Asian Open: Bears regain control of the dollar, Japan's GDP in focus
City Index February 15, 2021 4:42 AM
Bears returned to keep USD under pressure ahead of the 3-day weekend in the US and China. Japan's GDP data kicks of today's otherwise quiet session.
Bears returned to keep USD under pressure last week ahead of the 3-day weekend in the US. The US dollar index (DXY) fell further away from its 20-week eMA and closed beneath its 10-week eMA to create a two-week bearish reversal pattern. USD/CNH closed to its lowest level since June 2018 and all majors took advantage of the dollar’s doldrums.
Whilst we expect the dollar to remain under pressure this week, Monday could be off to a slow start as both the US and China have public holidays which means key markets across Asia and North America will be closed. Yet in the Asian session we have an important GDP print from Japan which could impact BOJ's (Bank of Japan's) monetary policy decision in March, as reports surfaced they may use the meeting to signal tweaks in their policy. A weak GDP print will all but confirm this expectation.
The Australian dollar was the strongest performer last week and closed to a 2-week high. Bullish momentum saw prices accelerate away from its 10-week eMA and now looks set to re-test the 0.7820 high. However, keep in mind the 200-month eMA resides at 0.7877 and the psychological level of 0.8000 sits just 150 pips above Friday’s close.
The British pound was also a strong performer and closed near its 33-month high. A bullish engulfing candle formed on Friday and used its 10-day eMA as a springboard, therefore a break above last week’s high assumes bullish continuation.
Commodities also took advantage of the weaker dollar with most most major commodities closing higher. Although it was platinum which stole the show with an impressive 11.5% rally during its most bullish week since March. Closing at its highest level in 6-years, the next major resistance is around 1300, a level we now expect to break after an initial period of consolidation or a minor retracement.
Indices were broadly higher with the exception of the ASX 200 and DAX. 6894 resistance continues to cap gains on the ASX, and a break beneath 6800 assumes a deeper correction. The DAX is trying to build support above 13,800 and a break above 14,170 assumes bullish continuation. The Russell 2000 led US indices higher to show small-caps continue to appreciate the Biden Administration’s stimulus measures.

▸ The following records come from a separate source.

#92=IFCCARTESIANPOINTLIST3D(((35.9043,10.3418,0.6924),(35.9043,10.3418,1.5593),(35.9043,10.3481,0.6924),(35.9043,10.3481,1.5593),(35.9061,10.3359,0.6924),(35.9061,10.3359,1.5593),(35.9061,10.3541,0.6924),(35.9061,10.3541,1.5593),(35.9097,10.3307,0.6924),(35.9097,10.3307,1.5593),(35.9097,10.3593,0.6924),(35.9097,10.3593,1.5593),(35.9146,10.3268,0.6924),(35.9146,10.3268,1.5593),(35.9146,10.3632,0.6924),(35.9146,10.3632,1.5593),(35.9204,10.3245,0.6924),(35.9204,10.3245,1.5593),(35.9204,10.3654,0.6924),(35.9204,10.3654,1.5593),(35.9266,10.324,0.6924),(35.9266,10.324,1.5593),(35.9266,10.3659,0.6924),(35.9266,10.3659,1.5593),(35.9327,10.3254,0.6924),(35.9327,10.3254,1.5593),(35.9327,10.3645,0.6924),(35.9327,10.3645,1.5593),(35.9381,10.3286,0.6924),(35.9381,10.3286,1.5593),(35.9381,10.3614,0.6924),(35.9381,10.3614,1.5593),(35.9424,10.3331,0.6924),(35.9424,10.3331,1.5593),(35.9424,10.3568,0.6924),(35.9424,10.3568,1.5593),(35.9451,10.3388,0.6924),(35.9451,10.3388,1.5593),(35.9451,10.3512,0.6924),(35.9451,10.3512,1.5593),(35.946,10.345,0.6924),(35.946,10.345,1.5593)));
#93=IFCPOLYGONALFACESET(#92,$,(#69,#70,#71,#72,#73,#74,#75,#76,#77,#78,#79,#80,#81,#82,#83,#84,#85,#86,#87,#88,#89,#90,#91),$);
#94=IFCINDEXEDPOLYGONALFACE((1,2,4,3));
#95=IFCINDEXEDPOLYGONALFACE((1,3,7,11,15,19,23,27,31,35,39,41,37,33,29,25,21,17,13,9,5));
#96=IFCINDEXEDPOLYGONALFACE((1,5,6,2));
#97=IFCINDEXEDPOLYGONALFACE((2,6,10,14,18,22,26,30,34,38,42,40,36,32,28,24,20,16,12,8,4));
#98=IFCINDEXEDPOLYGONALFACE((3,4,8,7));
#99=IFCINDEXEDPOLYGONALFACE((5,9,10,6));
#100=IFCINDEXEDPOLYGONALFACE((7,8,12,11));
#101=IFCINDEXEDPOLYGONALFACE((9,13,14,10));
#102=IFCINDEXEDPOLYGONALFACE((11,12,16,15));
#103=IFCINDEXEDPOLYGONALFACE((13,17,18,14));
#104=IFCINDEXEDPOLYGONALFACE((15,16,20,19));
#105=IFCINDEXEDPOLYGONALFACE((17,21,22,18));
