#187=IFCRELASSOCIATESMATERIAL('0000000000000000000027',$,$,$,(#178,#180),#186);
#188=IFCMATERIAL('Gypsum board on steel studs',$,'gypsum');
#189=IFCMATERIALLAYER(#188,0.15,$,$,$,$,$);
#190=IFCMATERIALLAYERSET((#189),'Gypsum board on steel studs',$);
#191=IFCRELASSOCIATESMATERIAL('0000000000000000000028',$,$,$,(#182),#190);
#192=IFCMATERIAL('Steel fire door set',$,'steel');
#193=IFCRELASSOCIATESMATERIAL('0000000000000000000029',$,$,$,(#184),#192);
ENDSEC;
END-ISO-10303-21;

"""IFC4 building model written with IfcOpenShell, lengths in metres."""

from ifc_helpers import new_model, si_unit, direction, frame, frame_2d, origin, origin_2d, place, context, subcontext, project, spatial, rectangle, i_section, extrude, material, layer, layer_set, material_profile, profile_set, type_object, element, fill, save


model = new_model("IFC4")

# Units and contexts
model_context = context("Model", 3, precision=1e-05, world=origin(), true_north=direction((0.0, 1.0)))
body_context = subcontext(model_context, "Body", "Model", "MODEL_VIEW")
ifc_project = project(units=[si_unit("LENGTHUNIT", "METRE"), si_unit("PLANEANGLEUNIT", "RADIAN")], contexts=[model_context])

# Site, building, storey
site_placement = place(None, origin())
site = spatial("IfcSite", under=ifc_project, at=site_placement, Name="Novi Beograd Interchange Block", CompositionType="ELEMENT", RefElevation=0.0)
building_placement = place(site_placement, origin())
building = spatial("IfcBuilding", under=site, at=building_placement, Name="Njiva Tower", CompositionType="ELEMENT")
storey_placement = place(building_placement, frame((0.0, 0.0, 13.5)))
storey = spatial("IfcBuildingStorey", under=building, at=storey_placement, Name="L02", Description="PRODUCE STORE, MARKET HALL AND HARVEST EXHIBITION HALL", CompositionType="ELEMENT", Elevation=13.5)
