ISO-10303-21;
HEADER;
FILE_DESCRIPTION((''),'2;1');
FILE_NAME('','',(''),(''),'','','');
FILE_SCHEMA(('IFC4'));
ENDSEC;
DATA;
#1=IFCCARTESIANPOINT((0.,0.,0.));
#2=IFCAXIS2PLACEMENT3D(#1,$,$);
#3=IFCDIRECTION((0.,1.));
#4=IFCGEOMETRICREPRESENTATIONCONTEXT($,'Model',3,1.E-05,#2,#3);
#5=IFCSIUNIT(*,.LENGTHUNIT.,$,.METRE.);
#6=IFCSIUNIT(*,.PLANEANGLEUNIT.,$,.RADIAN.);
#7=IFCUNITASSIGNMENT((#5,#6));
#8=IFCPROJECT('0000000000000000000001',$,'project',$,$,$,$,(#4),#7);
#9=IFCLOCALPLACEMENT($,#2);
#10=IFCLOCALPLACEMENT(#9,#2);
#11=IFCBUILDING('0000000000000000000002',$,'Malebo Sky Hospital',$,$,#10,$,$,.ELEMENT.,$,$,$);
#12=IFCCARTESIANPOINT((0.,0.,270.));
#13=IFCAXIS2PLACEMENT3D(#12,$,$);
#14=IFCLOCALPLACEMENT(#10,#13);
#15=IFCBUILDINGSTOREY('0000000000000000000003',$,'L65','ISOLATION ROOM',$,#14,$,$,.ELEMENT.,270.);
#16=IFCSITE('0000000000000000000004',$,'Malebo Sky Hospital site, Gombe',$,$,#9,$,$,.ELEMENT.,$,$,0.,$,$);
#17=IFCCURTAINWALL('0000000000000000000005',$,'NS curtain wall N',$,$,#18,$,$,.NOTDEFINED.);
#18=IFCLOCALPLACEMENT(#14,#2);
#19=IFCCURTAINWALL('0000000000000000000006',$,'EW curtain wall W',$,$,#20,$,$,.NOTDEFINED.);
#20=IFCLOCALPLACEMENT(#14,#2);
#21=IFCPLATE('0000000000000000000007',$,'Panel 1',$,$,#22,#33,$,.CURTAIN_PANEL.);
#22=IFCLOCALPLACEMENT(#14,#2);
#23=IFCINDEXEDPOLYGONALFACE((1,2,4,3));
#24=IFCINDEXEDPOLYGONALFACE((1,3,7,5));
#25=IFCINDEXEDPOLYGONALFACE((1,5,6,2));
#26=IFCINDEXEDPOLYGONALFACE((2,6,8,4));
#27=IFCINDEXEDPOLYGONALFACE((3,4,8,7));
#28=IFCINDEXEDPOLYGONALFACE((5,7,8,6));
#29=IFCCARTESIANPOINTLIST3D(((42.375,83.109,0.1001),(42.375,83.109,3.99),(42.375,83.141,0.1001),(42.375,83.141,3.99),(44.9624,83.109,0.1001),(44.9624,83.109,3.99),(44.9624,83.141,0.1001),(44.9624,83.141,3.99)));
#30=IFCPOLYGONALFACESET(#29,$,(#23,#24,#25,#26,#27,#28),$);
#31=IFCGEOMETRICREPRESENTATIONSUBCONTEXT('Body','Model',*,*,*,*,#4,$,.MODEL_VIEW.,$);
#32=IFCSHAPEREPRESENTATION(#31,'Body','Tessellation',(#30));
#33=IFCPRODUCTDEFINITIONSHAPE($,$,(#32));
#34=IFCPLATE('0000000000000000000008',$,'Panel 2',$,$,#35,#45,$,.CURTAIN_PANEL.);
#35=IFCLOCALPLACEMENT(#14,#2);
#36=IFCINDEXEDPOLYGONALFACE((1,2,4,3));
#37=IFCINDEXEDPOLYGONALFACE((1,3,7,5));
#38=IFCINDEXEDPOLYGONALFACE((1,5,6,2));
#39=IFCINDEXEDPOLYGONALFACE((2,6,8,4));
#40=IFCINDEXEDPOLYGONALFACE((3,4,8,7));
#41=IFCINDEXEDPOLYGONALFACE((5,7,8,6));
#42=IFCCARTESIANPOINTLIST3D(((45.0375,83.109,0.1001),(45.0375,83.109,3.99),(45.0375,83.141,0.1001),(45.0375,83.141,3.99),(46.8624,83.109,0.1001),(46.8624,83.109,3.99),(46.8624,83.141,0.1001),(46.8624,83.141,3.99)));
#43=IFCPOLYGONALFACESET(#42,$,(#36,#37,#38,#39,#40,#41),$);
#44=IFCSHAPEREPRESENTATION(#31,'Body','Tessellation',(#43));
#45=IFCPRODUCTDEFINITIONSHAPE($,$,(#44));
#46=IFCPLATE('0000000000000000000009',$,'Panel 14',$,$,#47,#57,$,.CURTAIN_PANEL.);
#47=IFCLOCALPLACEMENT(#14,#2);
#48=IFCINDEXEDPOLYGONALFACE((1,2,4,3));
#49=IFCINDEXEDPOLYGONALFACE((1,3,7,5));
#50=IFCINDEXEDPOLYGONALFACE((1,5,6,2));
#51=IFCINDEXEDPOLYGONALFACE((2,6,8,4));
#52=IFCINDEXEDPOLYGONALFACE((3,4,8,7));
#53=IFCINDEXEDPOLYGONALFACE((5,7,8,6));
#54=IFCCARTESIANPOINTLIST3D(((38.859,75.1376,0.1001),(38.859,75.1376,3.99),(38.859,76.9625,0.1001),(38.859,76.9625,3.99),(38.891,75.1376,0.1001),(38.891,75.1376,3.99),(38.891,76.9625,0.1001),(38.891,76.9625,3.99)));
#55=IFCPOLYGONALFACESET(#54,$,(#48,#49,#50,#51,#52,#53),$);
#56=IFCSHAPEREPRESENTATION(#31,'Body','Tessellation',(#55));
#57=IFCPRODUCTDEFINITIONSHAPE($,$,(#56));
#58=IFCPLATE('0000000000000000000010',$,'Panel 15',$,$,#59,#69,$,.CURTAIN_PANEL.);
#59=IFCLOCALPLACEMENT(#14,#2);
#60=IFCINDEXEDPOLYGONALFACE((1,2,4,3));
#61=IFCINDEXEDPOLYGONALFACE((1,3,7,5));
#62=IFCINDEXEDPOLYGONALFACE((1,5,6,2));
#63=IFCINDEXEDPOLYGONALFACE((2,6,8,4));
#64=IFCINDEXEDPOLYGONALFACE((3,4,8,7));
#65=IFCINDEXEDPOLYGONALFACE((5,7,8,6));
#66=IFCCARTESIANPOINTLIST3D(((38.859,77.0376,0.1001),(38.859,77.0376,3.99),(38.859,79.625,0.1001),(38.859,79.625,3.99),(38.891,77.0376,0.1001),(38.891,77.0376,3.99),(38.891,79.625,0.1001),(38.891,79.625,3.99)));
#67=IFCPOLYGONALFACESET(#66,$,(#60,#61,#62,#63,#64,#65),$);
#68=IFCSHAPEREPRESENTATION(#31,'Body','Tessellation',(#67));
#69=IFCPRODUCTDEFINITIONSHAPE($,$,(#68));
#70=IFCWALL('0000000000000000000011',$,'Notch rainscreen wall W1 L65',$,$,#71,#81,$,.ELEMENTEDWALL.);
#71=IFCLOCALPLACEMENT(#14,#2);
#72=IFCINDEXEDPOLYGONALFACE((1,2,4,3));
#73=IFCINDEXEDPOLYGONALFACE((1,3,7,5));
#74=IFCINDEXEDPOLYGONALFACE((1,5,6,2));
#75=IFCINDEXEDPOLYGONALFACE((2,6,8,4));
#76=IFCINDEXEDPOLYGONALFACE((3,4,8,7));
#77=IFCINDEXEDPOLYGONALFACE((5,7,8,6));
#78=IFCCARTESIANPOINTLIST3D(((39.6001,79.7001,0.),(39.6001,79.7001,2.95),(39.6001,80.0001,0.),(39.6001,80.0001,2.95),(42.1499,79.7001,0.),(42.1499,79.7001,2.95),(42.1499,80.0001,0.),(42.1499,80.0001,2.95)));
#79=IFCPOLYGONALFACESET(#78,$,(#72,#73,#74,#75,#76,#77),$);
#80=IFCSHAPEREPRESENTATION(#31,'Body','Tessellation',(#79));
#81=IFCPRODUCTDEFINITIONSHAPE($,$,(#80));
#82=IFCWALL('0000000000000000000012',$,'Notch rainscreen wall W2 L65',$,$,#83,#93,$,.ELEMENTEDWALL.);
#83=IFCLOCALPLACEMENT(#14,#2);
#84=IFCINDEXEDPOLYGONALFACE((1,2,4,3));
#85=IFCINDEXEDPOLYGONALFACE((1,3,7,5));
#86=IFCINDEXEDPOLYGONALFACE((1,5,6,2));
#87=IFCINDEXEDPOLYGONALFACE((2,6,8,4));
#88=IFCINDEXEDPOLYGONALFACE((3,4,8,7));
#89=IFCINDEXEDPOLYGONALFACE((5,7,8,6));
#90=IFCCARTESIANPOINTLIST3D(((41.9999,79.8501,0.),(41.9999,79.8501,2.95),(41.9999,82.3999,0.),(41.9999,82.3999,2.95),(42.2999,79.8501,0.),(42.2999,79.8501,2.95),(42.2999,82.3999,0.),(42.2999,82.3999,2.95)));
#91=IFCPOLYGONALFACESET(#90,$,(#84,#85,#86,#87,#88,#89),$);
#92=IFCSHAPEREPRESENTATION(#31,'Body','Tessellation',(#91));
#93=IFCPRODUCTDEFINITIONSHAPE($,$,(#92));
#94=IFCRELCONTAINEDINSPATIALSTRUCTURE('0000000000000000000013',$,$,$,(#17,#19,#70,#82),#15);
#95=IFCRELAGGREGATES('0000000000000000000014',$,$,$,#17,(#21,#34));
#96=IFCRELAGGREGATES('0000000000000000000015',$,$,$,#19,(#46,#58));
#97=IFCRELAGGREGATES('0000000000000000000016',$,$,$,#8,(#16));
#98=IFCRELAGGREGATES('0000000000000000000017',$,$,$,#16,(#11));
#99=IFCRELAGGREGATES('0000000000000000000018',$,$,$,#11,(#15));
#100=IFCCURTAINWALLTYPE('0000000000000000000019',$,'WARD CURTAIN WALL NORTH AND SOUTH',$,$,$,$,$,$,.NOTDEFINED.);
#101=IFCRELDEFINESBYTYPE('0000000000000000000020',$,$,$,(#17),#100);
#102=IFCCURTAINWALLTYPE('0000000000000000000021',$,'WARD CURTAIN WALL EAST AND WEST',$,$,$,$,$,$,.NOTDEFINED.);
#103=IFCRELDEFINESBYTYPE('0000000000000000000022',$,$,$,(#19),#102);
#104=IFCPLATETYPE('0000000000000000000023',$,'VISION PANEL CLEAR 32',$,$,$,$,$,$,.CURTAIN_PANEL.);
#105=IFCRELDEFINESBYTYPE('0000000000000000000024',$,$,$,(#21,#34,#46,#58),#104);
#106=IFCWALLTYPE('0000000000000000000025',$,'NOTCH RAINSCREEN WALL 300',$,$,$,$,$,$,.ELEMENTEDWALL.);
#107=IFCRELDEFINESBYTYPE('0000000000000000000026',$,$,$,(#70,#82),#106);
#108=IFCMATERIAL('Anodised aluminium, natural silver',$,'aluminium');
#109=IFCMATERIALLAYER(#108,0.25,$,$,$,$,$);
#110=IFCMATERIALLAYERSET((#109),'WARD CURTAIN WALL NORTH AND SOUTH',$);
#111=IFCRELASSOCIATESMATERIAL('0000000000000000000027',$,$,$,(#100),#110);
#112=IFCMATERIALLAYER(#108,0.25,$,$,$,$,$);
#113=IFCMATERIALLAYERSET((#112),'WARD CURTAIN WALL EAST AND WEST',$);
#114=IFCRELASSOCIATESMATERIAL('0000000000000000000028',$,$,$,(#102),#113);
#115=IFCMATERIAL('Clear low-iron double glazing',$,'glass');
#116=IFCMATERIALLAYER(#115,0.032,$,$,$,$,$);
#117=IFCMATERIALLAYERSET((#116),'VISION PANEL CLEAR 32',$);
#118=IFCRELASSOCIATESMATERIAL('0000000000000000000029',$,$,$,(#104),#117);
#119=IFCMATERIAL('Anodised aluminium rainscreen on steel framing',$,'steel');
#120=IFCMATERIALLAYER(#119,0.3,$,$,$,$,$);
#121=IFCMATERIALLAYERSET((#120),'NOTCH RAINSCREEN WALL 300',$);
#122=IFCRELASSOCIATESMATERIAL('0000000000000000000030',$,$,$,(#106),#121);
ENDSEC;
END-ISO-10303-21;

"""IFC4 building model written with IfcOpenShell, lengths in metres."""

from ifc_helpers import new_model, si_unit, direction, frame, frame_2d, origin, origin_2d, place, context, subcontext, project, spatial, rectangle, extrude, material, layer, layer_set, type_object, element, aggregate, save


model = new_model("IFC4")

# Units and contexts
model_context = context("Model", 3, precision=1e-05, world=origin(), true_north=direction((0.0, 1.0)))
body_context = subcontext(model_context, "Body", "Model", "MODEL_VIEW")
ifc_project = project(units=[si_unit("LENGTHUNIT", "METRE"), si_unit("PLANEANGLEUNIT", "RADIAN")], contexts=[model_context])

# Site, building, storey
site_placement = place(None, origin())
site = spatial("IfcSite", under=ifc_project, at=site_placement, Name="Malebo Sky Hospital site, Gombe", CompositionType="ELEMENT", RefElevation=0.0)
building_placement = place(site_placement, origin())
building = spatial("IfcBuilding", under=site, at=building_placement, Name="Malebo Sky Hospital", CompositionType="ELEMENT")
storey_placement = place(building_placement, frame((0.0, 0.0, 270.0)))
storey = spatial("IfcBuildingStorey", under=building, at=storey_placement, Name="L65", Description="ISOLATION ROOM", CompositionType="ELEMENT", Elevation=270.0)

# Curtain walls
ifc_material_1 = material(Name="Anodised aluminium, natural silver", Category="aluminium")
ifc_layer_1 = layer(ifc_material_1, 0.25)
ifc_layer_set_1 = layer_set([ifc_layer_1], Name="WARD CURTAIN WALL NORTH AND SOUTH")
curtain_wall_type_1 = type_object("IfcCurtainWallType", Name="WARD CURTAIN WALL NORTH AND SOUTH", PredefinedType="NOTDEFINED", material=ifc_layer_set_1)
curtain_wall_1_placement = place(storey_placement, origin())
curtain_wall_1 = element("IfcCurtainWall", 1, at=curtain_wall_1_placement, inside=storey, type_object=curtain_wall_type_1, Name="NS curtain wall N", PredefinedType="NOTDEFINED")
ifc_layer_2 = layer(ifc_material_1, 0.25)
ifc_layer_set_2 = layer_set([ifc_layer_2], Name="WARD CURTAIN WALL EAST AND WEST")
curtain_wall_type_2 = type_object("IfcCurtainWallType", Name="WARD CURTAIN WALL EAST AND WEST", PredefinedType="NOTDEFINED", material=ifc_layer_set_2)
curtain_wall_2_placement = place(storey_placement, origin())
curtain_wall_2 = element("IfcCurtainWall", 2, at=curtain_wall_2_placement, inside=storey, type_object=curtain_wall_type_2, Name="EW curtain wall W", PredefinedType="NOTDEFINED")

# Plates
ifc_material_2 = material(Name="Clear low-iron double glazing", Category="glass")
ifc_layer_3 = layer(ifc_material_2, 0.032)
ifc_layer_set_3 = layer_set([ifc_layer_3], Name="VISION PANEL CLEAR 32")
plate_type = type_object("IfcPlateType", Name="VISION PANEL CLEAR 32", PredefinedType="CURTAIN_PANEL", material=ifc_layer_set_3)
plate_1_placement = place(storey_placement, frame((43.6687, 83.125, 0.1001), z_axis=(0.0, 0.0, 1.0), x_axis=(1.0, 0.0, 0.0)))
plate_1 = element("IfcPlate", 3, at=plate_1_placement, type_object=plate_type, Name="Panel 1", PredefinedType="CURTAIN_PANEL", context=body_context, shape_type="SweptSolid", body=[
    extrude(rectangle(XDim=2.5874, YDim=0.032, at=origin_2d()), origin(), (0.0, 0.0, 1.0), 3.8899),
])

Large Speculative Positioning
- Traders flipped to net-short exposure on Russell 2,000 futures. At a net-short exposure of -8.4k contracts, it’s the most bearish positioning since May. Whilst it is plausible traders are hedging their long equities exposure through Russell 2000 futures, their net-short exposure could suggest traders are erring on the side of caution with the index at record highs.
- Bullish bets increased to an 11-month high on the British pound after the BOE (Bank of England) effectively ruled out negative interest rates. Net-long exposure increased by 11.5k contracts (+£720 million, or 11.5%).
- Net-long exposure to CAD futures was reduced by -6.6k contracts (-$656 million, or -3.3%), its largest weekly decline in 7-months.
- Traders reduced long exposure to JPY futures by -10k contracts.
- Gross long exposure on copper futures rose to their highest level since January 2018.
USD/CHF: Potential Swing Trade Short
The weekly chart has respected resistance at the 20-week eMA and produced a 2-bar bearish reversal (dark cloud cover). Should prices break beneath 0.8890 (the prior week’s low) then we can assume momentum has realigned with the dominant bearish trend.
The daily chart also produced a bearish reversal pattern. Last week we outlined our case for a lower USD/CHF, although we needed to wait for a minor bounce higher. That appears to have materialised with a bearish hammer stopping just shy of the 38.2% Fibonacci ratio. The bearish reversal candle also closed back beneath the 50-day eMA and prices have remained beneath the broken retracement line.
- A break beneath 0.8830 invalidates the low two weeks ago and assumes bearish continuation
- The initial target is 0.8838 and then 0.8760 (just above a major swing low)
- The bias remains bearish below 0.8950
Up Next (Time in Sydney GMT +11)
- It’s a bank holiday in the US on Monday (President’s day) so US markets will be closed, which likely means lower trading volumes overall and smaller trading ranges.
- Q4 GDP (growth domestic product) for Japan kicks the calendar off at 10:50 today and is the main event. Given rumours are surfacing that BOJ (Bank of Japan) may look to ease in their March policy meeting, it makes today's GDP print all the more important. A weak could translate to weaker yen (and firmer USD/JPY) as traders price in further easing from BOJ.
- European industrial production is more ‘mid-tier’ data, but something that could provide a volatile reaction for the Euro STOXX 600 index, should the report deviate too much from expectations.